Another approach to manual telecommunication antenna orientation and adjustment uses the global navigation satellite system (GNSS, including GPS) receiver dishes mounted on frames, which in turn are temporarily mounted on the antennas for conducting azimuth, elevation tilt and slant orientation and adjustment of the antenna. The Boucher U.S. Pat. No. 6,897,828 and No. 7,180,471 are examples of such an approach. Multiple GPS receiver dishes in a predetermined spaced relation can be used for computing orientation of an antenna by triangulating the GPS signals, or a single GPS receiver dish can be moved from one location to another. However, the GPS receiver dishes and the frames on which they are mounted must be relocated for each separate antenna orientation and adjustment. Subsequent antenna adjustments require technicians to ascend the transmission structure to reattach the GPS equipment to the individual antenna enclosures in order to obtain orientation readings in real-time, followed by manual reorientation of the antenna by adjusting the mountings accordingly.
A significant disadvantage associated with the aforementioned and other previous antenna orientation and adjustment devices and methods involve their inability to continuously monitor antenna orientation and detect disorientation from a baseline orientation. Cellular telecommunications antennas are susceptible to physical disorientation from various causes, such as meteorological, geological, and other impact forces. For example, forces generated during a major storm may change the orientation of antenna housings on telecommunications towers and in other installations within an entire region resulting in communications performance degradation. Consequently, identification of antennas in need of reorientation, and reorientation of each affected antenna would require individualized physical attention from a technician. Therefore, an antenna orientation and adjustment system and method should not only facilitate initial orientation, but also facilitate ongoing orientation monitoring with an ability to detect conditions of disorientation, thereby requiring limited physical visits by technicians to antenna installations, and limited need for specialized equipment in order to effectuate installation and orientation of telecommunications antenna. Moreover, an antenna orientation system and method should be adaptable to existing antenna equipment permitting ease of installation and compliance with stringent regulatory requirements and approval procedures.
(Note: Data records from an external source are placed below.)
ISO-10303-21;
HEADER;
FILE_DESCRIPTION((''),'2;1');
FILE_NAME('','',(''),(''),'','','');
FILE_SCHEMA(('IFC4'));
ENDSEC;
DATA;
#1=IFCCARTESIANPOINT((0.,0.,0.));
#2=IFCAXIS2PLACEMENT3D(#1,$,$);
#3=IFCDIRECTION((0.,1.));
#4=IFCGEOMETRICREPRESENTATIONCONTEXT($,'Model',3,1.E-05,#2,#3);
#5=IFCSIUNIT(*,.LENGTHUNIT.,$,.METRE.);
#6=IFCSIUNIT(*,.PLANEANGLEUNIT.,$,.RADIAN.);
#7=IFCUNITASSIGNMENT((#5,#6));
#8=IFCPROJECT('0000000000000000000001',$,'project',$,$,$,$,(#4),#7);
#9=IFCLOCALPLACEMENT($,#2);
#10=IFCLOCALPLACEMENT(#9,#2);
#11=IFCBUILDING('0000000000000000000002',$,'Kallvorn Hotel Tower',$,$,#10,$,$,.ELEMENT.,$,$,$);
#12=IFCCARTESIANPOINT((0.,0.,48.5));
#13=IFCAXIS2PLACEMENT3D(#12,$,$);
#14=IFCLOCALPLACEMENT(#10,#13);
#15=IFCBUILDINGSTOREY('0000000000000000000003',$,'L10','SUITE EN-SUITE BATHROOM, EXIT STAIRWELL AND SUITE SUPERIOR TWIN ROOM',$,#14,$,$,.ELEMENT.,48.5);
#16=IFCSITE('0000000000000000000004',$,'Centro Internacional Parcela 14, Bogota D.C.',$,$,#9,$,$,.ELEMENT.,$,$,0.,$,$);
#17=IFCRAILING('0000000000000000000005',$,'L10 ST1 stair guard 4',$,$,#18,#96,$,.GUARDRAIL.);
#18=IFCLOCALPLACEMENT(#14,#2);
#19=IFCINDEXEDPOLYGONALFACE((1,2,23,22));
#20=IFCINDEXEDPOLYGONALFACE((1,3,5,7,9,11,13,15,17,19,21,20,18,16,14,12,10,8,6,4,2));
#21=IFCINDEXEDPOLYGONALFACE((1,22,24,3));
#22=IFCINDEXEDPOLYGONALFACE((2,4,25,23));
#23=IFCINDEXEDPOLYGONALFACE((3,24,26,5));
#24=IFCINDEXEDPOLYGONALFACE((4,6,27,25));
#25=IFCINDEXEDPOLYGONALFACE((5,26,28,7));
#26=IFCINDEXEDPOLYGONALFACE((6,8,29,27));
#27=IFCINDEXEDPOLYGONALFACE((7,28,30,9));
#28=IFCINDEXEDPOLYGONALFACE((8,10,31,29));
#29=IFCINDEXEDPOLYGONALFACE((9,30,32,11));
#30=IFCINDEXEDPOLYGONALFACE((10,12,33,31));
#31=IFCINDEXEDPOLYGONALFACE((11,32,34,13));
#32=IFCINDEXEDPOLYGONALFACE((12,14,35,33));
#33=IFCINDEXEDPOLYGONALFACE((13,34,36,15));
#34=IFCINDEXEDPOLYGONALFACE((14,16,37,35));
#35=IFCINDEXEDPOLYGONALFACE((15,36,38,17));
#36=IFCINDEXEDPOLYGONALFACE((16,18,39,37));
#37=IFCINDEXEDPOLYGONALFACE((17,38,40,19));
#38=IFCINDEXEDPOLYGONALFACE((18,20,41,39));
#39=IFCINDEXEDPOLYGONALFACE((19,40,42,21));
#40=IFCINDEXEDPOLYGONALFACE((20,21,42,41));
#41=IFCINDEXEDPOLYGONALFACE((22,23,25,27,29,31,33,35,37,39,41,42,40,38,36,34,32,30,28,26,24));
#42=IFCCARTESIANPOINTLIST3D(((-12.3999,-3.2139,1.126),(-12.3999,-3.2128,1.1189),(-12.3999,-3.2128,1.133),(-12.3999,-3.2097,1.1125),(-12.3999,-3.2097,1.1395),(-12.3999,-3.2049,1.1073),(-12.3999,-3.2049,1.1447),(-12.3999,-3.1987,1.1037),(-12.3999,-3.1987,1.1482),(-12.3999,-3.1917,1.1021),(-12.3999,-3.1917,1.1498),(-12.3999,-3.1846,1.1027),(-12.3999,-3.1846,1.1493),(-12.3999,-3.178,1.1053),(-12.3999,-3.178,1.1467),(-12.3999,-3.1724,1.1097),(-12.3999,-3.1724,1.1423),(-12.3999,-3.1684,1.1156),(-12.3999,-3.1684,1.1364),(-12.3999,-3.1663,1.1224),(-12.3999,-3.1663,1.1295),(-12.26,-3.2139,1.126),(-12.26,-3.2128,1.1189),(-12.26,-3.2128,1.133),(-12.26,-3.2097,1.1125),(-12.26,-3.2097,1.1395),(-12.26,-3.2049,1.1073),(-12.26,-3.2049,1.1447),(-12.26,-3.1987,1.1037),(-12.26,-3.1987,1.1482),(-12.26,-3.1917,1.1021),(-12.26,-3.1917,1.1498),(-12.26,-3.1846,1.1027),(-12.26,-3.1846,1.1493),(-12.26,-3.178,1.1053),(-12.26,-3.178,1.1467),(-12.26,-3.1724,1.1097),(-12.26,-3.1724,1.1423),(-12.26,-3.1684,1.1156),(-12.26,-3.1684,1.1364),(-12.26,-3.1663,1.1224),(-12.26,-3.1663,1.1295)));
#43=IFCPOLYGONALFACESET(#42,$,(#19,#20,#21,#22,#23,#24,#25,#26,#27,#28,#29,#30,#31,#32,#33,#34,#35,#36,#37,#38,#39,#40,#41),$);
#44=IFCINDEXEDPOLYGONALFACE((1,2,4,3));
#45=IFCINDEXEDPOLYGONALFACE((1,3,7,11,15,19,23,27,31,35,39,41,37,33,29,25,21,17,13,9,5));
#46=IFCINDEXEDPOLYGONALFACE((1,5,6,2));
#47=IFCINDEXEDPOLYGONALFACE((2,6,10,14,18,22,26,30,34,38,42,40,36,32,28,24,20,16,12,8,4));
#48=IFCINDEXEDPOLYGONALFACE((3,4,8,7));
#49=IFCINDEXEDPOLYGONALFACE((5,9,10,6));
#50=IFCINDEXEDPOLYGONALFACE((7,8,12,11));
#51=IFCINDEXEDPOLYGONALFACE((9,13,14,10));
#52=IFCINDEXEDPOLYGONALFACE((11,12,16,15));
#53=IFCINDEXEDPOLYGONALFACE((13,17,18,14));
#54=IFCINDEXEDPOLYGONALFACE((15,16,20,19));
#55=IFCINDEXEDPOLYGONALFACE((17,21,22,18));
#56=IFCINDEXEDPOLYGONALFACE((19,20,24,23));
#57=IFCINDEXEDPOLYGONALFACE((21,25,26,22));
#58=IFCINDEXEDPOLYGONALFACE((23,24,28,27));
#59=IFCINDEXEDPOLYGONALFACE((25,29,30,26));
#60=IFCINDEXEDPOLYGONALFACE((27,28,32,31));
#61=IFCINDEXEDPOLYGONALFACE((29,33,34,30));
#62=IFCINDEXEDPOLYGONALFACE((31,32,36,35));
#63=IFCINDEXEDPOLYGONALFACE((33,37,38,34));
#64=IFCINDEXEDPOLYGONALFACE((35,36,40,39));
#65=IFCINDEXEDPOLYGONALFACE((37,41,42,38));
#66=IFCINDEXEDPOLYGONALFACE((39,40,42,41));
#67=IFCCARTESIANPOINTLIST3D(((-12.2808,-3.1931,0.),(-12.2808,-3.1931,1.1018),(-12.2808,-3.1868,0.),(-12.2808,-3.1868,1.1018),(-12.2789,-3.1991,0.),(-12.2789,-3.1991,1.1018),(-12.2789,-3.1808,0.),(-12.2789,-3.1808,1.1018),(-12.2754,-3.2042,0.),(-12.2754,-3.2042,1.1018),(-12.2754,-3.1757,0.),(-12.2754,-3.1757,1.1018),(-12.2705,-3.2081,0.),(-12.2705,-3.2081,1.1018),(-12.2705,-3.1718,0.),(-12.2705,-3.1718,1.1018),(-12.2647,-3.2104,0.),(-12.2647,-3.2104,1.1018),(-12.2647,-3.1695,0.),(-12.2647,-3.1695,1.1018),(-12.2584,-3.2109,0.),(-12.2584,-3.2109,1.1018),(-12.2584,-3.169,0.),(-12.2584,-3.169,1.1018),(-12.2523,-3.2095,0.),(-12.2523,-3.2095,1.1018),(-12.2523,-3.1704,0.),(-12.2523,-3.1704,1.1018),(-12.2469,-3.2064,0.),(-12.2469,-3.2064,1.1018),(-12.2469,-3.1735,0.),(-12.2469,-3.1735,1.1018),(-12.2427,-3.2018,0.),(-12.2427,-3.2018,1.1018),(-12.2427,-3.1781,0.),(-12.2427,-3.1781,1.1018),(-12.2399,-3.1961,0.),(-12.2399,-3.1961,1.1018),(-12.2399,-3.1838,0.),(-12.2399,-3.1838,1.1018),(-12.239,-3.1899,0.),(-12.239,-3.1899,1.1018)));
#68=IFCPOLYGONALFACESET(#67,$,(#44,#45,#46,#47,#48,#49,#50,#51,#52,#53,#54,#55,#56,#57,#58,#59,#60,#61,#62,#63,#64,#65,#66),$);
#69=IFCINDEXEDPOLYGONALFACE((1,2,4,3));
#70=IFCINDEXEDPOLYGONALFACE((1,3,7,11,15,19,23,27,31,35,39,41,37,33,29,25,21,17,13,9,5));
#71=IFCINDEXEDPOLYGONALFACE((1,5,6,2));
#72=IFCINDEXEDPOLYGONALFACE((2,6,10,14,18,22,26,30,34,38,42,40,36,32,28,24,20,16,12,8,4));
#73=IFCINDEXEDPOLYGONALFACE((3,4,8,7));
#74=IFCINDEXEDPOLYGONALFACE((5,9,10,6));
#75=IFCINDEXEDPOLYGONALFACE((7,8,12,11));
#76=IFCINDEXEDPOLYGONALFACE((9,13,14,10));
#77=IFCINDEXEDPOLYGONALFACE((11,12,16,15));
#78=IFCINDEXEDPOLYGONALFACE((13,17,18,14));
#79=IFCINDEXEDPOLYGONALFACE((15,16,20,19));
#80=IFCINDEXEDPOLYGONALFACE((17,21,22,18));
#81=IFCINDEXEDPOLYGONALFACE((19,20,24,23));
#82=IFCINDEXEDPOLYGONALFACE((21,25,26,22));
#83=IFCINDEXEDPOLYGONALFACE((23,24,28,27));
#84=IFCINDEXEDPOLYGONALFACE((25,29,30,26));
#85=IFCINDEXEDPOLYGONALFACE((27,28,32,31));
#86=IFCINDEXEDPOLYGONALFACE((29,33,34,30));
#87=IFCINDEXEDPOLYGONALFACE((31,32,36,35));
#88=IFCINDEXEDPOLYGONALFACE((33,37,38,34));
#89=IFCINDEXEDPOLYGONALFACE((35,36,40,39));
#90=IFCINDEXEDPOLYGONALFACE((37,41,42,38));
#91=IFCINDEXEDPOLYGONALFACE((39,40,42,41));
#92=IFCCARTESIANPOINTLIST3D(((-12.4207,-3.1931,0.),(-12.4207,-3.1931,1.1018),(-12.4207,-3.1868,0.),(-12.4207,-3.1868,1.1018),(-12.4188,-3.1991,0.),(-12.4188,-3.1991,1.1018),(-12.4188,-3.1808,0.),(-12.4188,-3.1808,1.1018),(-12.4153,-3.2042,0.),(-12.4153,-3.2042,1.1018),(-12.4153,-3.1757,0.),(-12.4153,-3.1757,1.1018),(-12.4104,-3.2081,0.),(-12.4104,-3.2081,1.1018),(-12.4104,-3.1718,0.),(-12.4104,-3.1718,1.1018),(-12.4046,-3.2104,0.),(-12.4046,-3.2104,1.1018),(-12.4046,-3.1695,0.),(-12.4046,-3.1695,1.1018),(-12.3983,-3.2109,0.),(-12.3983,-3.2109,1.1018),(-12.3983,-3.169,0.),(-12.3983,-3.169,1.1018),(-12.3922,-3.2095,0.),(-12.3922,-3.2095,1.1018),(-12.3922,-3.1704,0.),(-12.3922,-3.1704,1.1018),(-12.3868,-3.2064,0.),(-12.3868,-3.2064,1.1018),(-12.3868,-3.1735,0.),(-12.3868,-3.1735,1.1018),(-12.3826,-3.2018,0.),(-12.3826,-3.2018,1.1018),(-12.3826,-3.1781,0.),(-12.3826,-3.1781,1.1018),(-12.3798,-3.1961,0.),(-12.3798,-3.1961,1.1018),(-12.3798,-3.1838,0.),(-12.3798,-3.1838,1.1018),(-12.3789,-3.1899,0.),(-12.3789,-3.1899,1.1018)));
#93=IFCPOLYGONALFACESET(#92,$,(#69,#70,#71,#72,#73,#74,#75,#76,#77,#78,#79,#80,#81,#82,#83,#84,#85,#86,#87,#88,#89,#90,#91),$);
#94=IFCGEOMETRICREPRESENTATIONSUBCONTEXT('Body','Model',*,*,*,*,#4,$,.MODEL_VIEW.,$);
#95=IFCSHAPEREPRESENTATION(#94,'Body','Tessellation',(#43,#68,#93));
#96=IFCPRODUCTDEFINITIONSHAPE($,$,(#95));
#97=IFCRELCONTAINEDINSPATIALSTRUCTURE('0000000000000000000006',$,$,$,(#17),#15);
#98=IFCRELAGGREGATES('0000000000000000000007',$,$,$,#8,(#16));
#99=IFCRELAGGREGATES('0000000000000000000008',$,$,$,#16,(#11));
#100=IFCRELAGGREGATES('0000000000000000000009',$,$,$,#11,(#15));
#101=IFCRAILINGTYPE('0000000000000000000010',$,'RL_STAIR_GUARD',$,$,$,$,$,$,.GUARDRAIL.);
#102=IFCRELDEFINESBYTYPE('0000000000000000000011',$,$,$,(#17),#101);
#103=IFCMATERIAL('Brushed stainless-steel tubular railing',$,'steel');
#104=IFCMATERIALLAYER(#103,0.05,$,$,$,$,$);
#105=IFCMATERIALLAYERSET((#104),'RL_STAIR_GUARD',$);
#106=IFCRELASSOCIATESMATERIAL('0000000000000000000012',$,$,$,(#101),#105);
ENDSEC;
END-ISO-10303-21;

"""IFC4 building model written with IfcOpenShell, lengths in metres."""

from ifc_helpers import new_model, si_unit, direction, frame, origin, origin_2d, place, context, subcontext, project, spatial, circle, extrude, material, layer, layer_set, type_object, element, save


model = new_model("IFC4")

# Units and contexts
model_context = context("Model", 3, precision=1e-05, world=origin(), true_north=direction((0.0, 1.0)))
body_context = subcontext(model_context, "Body", "Model", "MODEL_VIEW")
ifc_project = project(units=[si_unit("LENGTHUNIT", "METRE"), si_unit("PLANEANGLEUNIT", "RADIAN")], contexts=[model_context])

# Site, building, storey
site_placement = place(None, origin())
site = spatial("IfcSite", under=ifc_project, at=site_placement, Name="Centro Internacional Parcela 14, Bogota D.C.", CompositionType="ELEMENT", RefElevation=0.0)
building_placement = place(site_placement, origin())
building = spatial("IfcBuilding", under=site, at=building_placement, Name="Kallvorn Hotel Tower", CompositionType="ELEMENT")
storey_placement = place(building_placement, frame((0.0, 0.0, 48.5)))
storey = spatial("IfcBuildingStorey", under=building, at=storey_placement, Name="L10", Description="SUITE EN-SUITE BATHROOM, EXIT STAIRWELL AND SUITE SUPERIOR TWIN ROOM", CompositionType="ELEMENT", Elevation=48.5)

# Railing
ifc_material_1 = material(Name="Brushed stainless-steel tubular railing", Category="steel")
ifc_layer_1 = layer(ifc_material_1, 0.05)
ifc_layer_set_1 = layer_set([ifc_layer_1], Name="RL_STAIR_GUARD")
railing_type = type_object("IfcRailingType", Name="RL_STAIR_GUARD", PredefinedType="GUARDRAIL", material=ifc_layer_set_1)
railing_1_placement = place(storey_placement, frame((-12.26, -3.1899, 0.0)))
element("IfcRailing", 1, at=railing_1_placement, inside=storey, type_object=railing_type, Name="L10 ST1 stair guard 4", PredefinedType="GUARDRAIL", context=body_context, shape_type="SweptSolid", body=[
    extrude(circle(Radius=0.0239, at=origin_2d()), frame((0.0, 0.0, 1.126), z_axis=(-1.0, 0.0, 0.0), x_axis=(0.0, -1.0, 0.0)), (0.0, 0.0, 1.0), 0.1399),
    extrude(circle(Radius=0.021, at=origin_2d()), origin(), (0.0, 0.0, 1.0), 1.1018),
    extrude(circle(Radius=0.021, at=origin_2d()), frame((-0.1399, 0.0, 0.0)), (0.0, 0.0, 1.0), 1.1018),
])

save(model, "model.ifc")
Heretofore there has not been available an antenna orientation system and method with the advantages and features of the present invention.
In the practice of an aspect of the present invention, a system and method is provided for orientating, and monitoring orientation of telecommunications antennas. The system includes an AISG compliant tilt sensor system mounted in-line between a telecommunications antenna enclosure and a communications cable, and positioned to measure the elevation tilt and slant of a telecommunications antenna enclosure relative to a reference axis. The tilt sensor system consists of a tilt sensor, which can be mounted in-line between a telecommunications antenna and a communications cable, or mounted directly to an antenna enclosure, that measures the angle of tilt and angle of slant of the enclosure with respect to a reference axis, and communicates the values through the communications cable using the AISG protocol for analysis by a telecommunications system operator.
The drawings constitute a part of this specification and include exemplary embodiments of the present invention illustrating various objects and features thereof.
I. Introduction and Environment
As required, detailed aspects of the present invention are disclosed herein; however, it is to be understood that the disclosed aspects are merely exemplary of the invention, which may be embodied in various forms. Therefore, specific structural and functional details disclosed herein are not to be interpreted as limiting, but merely as a basis for the claims and as a representative basis for teaching one skilled in the art how to variously employ the present invention in virtually any appropriately detailed structure.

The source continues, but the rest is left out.